Chapter 21
CHAPTER TWENTY-ONE
bloom
Maverick texted me a few hours into the afternoon. My coffee cup was empty again, and I was seriously considering going down to the shop in the lobby again instead of making another one myself.
It would take at least ten minutes, though. Probably fifteen or twenty, because the elevator was so freaking slow. I could make one in five, and free time wasn’t something I was currently rolling in, since I was taking the next day off.
Maverick
Want to have dinner together? The food court in the tower has steak tonight, and Nolan’s bugging me about meeting you officially
Me
Sounds fun, but I’m meeting Sutton soon, and I have to meet with Phyllis and Carter to try to deal with their recent rivalry for once and all after that, so I don’t think I’ll have time
Maverick
Late dinner?
Me
Sorry, I promised Harper we could do Sleep Fest tonight and tomorrow. We’re just going to eat dessert and watch TV while dozing on the couch for like thirty-six hours
Maverick
She can’t monopolize you for that long
If I have to share, she does too
Me
I just went on a road trip with you, remember?
Maverick
For work
Me
Is that what you usually call it when you go down on someone in the hotel room you’re sharing?
Maverick
Considering it’s only happened once, I can call it whatever I want
I’ll bring dinner to the meeting and sit in. It’ll go faster if I’m there, and we’ll have some time to hang out
Me
I didn’t know old, immortal werewolves could hang out
Maverick
They’re professionals at hanging out, actually
See you in an hour?
I sent him a thumbs-up, then decided to make myself a latte. After a moment’s hesitation, I added a pump of vanilla to the caramel creation. Despite the pink sweater I was still wearing and the fact that I’d seen him at lunch, I kind of missed Maverick.

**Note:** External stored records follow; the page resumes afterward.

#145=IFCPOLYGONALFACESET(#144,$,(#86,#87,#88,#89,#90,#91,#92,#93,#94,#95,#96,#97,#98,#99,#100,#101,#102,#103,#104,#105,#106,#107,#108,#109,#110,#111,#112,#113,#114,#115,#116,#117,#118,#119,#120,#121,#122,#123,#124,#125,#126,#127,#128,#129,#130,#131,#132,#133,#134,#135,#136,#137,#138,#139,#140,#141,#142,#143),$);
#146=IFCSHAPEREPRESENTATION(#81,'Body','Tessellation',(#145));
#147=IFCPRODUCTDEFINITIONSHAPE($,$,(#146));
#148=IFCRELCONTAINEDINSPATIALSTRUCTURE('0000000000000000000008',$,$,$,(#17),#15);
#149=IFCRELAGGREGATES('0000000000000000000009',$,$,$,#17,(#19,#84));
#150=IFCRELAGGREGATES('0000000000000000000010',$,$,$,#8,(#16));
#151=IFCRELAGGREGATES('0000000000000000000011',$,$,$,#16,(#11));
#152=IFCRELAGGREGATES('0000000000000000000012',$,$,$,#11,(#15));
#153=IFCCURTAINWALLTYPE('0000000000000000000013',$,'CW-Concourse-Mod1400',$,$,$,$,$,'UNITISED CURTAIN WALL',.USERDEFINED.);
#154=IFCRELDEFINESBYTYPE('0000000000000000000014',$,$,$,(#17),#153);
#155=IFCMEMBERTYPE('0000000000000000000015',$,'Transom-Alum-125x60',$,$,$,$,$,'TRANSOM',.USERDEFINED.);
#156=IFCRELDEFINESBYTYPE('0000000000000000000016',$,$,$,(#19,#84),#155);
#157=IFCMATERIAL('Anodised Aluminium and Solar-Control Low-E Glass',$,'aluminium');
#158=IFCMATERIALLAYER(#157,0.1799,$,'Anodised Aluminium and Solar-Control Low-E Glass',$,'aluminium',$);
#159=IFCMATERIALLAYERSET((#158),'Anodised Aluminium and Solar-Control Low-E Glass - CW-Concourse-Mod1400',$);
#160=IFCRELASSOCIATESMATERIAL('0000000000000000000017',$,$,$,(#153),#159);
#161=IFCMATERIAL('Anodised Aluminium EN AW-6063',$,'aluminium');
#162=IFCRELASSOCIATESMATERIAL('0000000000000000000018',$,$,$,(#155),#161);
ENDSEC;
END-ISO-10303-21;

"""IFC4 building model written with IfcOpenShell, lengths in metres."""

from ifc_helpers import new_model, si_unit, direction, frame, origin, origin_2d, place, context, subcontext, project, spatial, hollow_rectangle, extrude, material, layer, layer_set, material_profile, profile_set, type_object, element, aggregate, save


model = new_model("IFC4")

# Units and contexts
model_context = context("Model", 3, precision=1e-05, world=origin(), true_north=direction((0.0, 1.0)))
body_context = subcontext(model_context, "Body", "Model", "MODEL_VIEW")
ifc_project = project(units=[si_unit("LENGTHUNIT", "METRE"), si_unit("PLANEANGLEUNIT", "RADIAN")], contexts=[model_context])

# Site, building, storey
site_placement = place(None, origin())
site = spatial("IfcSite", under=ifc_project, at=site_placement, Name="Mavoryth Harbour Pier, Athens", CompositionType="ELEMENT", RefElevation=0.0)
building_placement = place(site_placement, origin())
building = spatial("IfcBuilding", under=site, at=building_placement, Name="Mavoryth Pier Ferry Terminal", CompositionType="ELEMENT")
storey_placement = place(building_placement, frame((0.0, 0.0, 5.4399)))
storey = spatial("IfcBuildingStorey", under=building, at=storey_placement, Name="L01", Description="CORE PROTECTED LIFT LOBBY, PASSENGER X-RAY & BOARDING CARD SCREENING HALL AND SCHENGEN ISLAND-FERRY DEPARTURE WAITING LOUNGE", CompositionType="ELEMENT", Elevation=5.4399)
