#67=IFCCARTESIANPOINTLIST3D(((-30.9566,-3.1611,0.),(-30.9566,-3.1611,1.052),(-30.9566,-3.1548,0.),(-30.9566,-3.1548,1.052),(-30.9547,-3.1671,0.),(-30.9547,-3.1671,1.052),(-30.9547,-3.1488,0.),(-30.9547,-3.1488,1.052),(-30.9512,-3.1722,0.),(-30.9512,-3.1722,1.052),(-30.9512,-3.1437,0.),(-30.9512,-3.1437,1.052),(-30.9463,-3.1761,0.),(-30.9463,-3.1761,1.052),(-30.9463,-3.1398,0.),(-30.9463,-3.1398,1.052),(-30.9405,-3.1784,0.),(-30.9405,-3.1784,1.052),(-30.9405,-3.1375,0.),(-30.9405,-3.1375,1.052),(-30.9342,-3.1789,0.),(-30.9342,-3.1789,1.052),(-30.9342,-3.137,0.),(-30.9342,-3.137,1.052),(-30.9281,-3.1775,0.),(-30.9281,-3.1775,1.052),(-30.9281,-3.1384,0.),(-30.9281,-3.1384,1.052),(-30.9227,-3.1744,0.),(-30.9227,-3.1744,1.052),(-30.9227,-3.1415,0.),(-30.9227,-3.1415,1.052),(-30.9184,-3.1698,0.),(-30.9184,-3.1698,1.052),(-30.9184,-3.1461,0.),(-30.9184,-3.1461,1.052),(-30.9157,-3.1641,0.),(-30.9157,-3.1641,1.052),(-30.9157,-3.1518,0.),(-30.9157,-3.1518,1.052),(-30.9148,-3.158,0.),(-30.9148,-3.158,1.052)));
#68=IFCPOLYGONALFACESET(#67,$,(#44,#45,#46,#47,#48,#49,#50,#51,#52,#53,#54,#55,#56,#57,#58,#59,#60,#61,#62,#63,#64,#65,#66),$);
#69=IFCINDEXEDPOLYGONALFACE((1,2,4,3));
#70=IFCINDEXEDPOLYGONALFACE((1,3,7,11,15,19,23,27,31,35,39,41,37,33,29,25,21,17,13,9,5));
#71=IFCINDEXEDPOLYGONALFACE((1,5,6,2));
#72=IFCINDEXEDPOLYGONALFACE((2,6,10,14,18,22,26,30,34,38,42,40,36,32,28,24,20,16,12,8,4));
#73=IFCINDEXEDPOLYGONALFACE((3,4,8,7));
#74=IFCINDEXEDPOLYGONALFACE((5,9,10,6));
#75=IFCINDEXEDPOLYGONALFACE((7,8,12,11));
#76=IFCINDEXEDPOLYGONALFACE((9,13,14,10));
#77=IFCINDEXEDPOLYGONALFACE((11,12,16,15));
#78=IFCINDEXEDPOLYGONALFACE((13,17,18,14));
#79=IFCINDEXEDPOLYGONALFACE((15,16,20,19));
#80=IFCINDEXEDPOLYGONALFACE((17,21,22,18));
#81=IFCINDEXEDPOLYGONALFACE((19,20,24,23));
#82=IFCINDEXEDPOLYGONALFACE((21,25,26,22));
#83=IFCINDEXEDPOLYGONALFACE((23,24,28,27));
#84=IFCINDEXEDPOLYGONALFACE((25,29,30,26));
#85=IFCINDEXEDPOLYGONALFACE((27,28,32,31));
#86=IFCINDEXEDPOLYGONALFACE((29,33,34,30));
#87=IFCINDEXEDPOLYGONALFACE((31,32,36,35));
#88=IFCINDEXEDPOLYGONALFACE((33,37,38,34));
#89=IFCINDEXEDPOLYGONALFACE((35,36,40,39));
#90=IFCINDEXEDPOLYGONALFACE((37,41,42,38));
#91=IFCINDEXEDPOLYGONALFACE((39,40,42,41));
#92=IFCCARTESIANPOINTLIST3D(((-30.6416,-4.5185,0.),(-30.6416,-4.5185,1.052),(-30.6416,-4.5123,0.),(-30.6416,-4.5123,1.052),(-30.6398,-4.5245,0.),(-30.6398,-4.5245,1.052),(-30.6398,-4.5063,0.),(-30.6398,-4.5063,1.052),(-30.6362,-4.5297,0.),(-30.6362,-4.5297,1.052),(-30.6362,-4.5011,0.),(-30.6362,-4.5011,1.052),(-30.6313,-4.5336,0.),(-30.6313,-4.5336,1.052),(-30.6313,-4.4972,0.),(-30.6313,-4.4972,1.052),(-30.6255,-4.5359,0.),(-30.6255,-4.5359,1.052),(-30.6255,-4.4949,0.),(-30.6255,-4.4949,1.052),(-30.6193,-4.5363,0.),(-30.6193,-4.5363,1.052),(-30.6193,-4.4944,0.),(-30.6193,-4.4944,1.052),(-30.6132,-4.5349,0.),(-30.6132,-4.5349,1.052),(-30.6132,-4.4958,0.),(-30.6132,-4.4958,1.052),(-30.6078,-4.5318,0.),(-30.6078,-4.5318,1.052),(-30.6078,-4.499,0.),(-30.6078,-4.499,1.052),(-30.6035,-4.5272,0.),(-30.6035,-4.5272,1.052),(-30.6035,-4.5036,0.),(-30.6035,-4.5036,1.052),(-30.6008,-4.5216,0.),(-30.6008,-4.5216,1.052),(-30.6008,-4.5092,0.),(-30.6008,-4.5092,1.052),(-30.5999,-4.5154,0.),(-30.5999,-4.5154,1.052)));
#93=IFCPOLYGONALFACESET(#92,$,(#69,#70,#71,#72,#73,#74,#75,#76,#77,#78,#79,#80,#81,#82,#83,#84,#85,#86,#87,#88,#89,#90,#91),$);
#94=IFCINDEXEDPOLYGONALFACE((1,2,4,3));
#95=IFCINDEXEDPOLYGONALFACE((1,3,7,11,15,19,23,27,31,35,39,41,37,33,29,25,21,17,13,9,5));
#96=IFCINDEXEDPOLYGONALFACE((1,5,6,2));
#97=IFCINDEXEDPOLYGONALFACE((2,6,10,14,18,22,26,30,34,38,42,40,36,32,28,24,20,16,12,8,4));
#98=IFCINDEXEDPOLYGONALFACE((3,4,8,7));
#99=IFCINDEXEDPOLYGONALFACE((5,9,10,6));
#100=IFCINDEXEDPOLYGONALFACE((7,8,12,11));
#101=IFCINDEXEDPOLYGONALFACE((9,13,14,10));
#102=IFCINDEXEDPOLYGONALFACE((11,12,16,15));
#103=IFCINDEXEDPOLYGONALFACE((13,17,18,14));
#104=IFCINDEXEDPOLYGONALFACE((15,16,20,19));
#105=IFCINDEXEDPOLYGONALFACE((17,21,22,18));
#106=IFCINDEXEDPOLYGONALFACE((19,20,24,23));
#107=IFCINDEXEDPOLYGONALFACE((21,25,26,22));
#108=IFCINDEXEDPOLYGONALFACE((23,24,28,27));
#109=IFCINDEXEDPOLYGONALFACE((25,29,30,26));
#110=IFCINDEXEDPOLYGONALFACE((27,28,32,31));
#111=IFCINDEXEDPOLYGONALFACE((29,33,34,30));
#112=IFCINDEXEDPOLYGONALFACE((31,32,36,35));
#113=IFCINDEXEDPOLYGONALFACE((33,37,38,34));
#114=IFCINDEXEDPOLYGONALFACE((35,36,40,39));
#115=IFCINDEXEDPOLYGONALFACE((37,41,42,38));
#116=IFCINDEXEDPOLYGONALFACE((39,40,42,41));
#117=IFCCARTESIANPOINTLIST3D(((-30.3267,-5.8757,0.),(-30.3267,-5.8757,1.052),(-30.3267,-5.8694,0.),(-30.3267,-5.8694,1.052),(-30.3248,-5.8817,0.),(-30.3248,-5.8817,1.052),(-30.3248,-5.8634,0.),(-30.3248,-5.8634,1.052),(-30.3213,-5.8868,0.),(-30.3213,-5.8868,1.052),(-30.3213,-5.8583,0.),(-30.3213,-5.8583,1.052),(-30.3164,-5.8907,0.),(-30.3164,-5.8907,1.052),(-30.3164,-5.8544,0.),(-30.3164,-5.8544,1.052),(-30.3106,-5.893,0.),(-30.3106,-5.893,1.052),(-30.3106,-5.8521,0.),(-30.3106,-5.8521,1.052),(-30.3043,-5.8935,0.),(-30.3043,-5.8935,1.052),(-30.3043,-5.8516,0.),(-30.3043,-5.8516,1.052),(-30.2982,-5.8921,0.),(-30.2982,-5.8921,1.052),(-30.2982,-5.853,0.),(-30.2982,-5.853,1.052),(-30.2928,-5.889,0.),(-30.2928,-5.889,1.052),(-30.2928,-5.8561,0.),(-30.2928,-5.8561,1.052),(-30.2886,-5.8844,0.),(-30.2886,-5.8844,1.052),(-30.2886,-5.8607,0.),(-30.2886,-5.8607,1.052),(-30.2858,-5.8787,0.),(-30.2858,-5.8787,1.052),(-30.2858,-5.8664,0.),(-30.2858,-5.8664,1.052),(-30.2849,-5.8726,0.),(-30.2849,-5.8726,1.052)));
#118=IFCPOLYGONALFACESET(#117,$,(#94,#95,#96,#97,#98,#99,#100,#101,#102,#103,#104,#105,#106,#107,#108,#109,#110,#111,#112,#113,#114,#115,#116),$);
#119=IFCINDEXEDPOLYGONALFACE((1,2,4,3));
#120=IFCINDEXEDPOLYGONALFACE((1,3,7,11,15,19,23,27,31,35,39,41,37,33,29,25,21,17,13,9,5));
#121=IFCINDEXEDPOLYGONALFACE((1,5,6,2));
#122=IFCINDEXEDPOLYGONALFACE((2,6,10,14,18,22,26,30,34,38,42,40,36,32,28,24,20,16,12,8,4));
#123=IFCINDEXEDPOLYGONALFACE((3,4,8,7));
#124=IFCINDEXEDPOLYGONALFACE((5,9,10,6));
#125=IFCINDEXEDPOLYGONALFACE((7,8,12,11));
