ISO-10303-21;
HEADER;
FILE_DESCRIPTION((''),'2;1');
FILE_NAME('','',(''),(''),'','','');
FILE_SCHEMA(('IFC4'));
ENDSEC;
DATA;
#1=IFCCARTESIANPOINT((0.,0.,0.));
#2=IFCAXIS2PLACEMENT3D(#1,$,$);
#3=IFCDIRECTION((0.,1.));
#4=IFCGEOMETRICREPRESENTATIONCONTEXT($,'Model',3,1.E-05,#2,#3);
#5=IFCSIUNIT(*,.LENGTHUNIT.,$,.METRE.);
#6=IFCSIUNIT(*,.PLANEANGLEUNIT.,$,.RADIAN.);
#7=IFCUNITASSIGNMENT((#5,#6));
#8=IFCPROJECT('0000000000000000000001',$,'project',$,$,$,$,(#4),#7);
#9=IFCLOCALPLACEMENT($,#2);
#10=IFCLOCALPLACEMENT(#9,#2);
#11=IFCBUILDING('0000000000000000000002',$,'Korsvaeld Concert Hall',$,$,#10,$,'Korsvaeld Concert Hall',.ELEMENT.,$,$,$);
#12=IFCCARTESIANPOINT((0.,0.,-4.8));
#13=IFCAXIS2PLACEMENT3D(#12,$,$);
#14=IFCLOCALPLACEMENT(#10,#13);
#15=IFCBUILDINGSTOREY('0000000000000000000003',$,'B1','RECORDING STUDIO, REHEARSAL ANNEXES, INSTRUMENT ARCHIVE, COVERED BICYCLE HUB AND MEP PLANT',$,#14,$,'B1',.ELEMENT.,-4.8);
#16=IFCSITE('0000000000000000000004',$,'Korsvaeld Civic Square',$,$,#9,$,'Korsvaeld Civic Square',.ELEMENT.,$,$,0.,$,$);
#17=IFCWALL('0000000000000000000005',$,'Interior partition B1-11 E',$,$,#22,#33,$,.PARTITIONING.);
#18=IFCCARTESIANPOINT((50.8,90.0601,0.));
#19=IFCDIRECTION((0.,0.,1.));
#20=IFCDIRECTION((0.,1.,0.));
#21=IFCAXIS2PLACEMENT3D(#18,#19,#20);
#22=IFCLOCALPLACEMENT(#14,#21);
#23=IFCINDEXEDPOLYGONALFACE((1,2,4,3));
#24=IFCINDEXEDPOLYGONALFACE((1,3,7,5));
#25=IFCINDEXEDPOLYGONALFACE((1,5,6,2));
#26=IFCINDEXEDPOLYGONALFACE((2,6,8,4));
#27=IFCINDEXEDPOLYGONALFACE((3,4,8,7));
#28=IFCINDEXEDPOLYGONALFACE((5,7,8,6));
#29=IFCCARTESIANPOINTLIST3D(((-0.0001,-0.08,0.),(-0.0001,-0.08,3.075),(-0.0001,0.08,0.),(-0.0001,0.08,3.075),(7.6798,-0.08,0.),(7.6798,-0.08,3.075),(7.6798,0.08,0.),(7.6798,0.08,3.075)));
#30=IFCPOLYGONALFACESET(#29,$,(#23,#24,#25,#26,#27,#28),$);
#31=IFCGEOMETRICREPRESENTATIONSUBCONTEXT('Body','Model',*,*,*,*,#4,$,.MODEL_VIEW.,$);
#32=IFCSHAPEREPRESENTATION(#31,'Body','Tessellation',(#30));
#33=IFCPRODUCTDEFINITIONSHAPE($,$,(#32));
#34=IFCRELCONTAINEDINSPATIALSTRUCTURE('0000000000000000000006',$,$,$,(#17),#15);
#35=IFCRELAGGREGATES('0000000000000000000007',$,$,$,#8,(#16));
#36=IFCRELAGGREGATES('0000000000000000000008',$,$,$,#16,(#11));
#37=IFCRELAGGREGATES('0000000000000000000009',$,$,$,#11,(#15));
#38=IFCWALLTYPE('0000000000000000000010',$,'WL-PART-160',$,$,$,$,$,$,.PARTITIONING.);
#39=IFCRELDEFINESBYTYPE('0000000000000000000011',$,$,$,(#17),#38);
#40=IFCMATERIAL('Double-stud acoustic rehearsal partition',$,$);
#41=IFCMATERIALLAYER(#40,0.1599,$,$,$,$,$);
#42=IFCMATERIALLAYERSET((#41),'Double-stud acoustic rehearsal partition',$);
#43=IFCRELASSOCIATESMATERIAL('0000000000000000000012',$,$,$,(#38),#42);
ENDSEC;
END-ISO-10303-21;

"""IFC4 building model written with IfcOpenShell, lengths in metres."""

from ifc_helpers import new_model, si_unit, direction, frame, frame_2d, origin, place, context, subcontext, project, spatial, rectangle, extrude, material, layer, layer_set, type_object, element, save


model = new_model("IFC4")

# Units and contexts
model_context = context("Model", 3, precision=1e-05, world=origin(), true_north=direction((0.0, 1.0)))
body_context = subcontext(model_context, "Body", "Model", "MODEL_VIEW")
ifc_project = project(units=[si_unit("LENGTHUNIT", "METRE"), si_unit("PLANEANGLEUNIT", "RADIAN")], contexts=[model_context])

# Site, building, storey
site_placement = place(None, origin())
site = spatial("IfcSite", under=ifc_project, at=site_placement, Name="Korsvaeld Civic Square", LongName="Korsvaeld Civic Square", CompositionType="ELEMENT", RefElevation=0.0)
building_placement = place(site_placement, origin())
building = spatial("IfcBuilding", under=site, at=building_placement, Name="Korsvaeld Concert Hall", LongName="Korsvaeld Concert Hall", CompositionType="ELEMENT")
storey_placement = place(building_placement, frame((0.0, 0.0, -4.8)))
storey = spatial("IfcBuildingStorey", under=building, at=storey_placement, Name="B1", Description="RECORDING STUDIO, REHEARSAL ANNEXES, INSTRUMENT ARCHIVE, COVERED BICYCLE HUB AND MEP PLANT", LongName="B1", CompositionType="ELEMENT", Elevation=-4.8)

# Wall
ifc_material_1 = material(Name="Double-stud acoustic rehearsal partition")
ifc_layer = layer(ifc_material_1, 0.1599)
ifc_layer_set = layer_set([ifc_layer], Name="Double-stud acoustic rehearsal partition")
wall_type = type_object("IfcWallType", Name="WL-PART-160", PredefinedType="PARTITIONING", material=ifc_layer_set)
wall_placement = place(storey_placement, frame((50.8, 90.0601, 0.0), z_axis=(0.0, 0.0, 1.0), x_axis=(0.0, 1.0, 0.0)))
element("IfcWall", 1, at=wall_placement, inside=storey, type_object=wall_type, Name="Interior partition B1-11 E", PredefinedType="PARTITIONING", context=body_context, shape_type="SweptSolid", body=[
    extrude(rectangle(XDim=7.6799, YDim=0.1599, at=frame_2d((3.8398, 0.0))), origin(), (0.0, 0.0, 1.0), 3.075),
])

save(model, "model.ifc")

That had to be the soulmate bond speaking.
I sipped my drink while I scrolled slowly through a packet of completed paperwork Phyllis had just sent over. Carter’s would be coming in soon. They’d probably want to talk (and argue) about it when we met.
It was getting kind of cold in my office, so I reached over and grabbed a blanket off the edge of my couch, pulling it over my shoulders.
I didn’t usually get cold during the day, but whatever.
A woman knocked on my glass door.
She was stunning, with long, curly burgundy hair tied up in a high ponytail. It looked natural, though I wasn’t quite sure that was possible.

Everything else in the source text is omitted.